燭光下,他聲音沙啞:“他是我元軍時期的夥長,劉十三。當年同吃一鍋飯,共扛一口鍋。他不是壞人,隻是被世道逼成了狼。”頓了頓,又道,“他有個妹妹,嫁前最愛吃母親做的蜜豆糕。後來戰火燒村,再沒回去過。”
周芷若沉默良久,次日淩晨遣飛鷹傳信。
半日之後,一輛獨輪車由遠及近,送來十盒蜜豆糕,油紙包得嚴實,附條一行小字:“老戰友,嘗口家鄉味?——蘇掌櫃。”
她親手持盒上前,遞至劉十三手中。
那漢子狐疑接過,掰下一角送入口中。
刹那間,身體僵住,眼神渙散,仿佛被什麼擊穿了三十年光陰。
他咀嚼得很慢,喉結上下滾動,忽然背過身去,肩膀劇烈起伏。
片刻,他揮手:“放行。”
然後低聲道:“……留一盒。我要帶回去,給我娘嘗嘗。
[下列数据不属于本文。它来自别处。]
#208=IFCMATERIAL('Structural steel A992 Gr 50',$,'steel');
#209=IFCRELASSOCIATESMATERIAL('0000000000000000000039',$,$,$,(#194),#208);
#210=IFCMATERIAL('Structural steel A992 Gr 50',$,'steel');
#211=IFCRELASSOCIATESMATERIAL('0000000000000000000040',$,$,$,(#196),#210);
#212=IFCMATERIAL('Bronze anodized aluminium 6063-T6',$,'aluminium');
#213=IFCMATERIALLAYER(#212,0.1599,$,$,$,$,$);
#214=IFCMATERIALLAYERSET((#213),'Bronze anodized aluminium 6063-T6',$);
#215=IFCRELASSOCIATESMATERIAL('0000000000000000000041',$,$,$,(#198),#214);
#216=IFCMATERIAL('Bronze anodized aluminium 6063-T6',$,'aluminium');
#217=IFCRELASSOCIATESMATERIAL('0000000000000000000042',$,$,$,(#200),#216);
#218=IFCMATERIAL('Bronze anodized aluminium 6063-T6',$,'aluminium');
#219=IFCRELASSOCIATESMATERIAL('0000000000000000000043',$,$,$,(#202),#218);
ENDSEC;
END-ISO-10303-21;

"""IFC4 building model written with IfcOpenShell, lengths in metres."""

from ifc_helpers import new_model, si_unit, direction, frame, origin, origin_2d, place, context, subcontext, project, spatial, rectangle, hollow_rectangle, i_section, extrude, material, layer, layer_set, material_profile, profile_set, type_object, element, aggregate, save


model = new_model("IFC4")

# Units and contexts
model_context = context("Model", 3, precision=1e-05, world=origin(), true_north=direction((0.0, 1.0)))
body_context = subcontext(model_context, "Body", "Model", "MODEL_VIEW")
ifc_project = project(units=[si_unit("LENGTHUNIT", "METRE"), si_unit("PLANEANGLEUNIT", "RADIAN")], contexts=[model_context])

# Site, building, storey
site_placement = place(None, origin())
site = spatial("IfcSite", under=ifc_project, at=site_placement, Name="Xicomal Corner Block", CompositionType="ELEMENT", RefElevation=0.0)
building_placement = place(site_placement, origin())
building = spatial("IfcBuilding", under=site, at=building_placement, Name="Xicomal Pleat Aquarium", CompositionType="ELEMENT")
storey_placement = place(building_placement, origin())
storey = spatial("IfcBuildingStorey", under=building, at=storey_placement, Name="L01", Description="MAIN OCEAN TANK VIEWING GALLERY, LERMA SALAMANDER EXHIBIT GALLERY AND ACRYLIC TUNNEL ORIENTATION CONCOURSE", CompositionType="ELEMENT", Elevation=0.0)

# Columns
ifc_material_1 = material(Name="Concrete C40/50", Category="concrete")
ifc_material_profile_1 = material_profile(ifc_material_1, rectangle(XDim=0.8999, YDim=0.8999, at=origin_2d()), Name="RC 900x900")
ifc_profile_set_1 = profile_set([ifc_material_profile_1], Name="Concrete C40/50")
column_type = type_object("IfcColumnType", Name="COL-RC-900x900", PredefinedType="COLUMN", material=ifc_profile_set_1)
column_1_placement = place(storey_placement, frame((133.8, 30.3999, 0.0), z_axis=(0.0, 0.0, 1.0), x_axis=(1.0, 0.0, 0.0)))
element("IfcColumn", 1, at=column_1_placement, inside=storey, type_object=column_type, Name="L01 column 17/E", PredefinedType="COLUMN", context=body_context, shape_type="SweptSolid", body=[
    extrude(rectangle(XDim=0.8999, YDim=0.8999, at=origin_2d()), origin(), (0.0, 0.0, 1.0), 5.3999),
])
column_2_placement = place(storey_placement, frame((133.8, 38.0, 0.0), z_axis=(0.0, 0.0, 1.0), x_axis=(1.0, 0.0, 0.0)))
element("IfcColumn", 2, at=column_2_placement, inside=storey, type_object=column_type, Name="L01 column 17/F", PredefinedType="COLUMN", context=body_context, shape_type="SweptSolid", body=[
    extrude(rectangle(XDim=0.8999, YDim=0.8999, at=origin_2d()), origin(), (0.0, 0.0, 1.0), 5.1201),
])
”
車隊緩緩駛過鐵索橋,身後傳來壓抑的抽泣。
無人回頭,但許多人悄悄抹去了眼角。
此後一路,風塵仆仆,卻暖意漸生。
林晚兒的同心灶成為巡行核心。
每到一地,她必支灶升火,邀兩名陌生人共攪一鍋粥。
無論老少、貧富、曾為敵我,隻要願意伸手,便可執勺。
某夜宿荒鎮,一對兄弟因爭最後一碗飯幾乎動手,拳腳相向。
林晚兒上前,請他們明日一同攪粥。
起初二人各自用力,勺柄相撞,粥水四濺。
圍觀者哄笑,以為又要鬨出事端。
可漸漸地,一人快了,另一人便緩;一人壓火,另一人便添柴。
第三輪時,竟有了節奏,如同幼時共舞的步法。
粥成之時,米香彌漫全鎮。
兩人相視,忽而笑了。
弟弟低頭喃喃:“姐,咱娘當年也是這麼熬我們的奶糕的。”
林晚兒立於灶旁,默默記下這句話,寫進《攪勺錄》首頁:
“手不同溫,飯卻同香。恨可煮化,隻需一把火,兩雙手。”
然而越往北行,空氣越緊。
這一日黃昏,車隊行至一處無名岔道,四周枯樹如骨,土地焦黑,似經大火焚燒。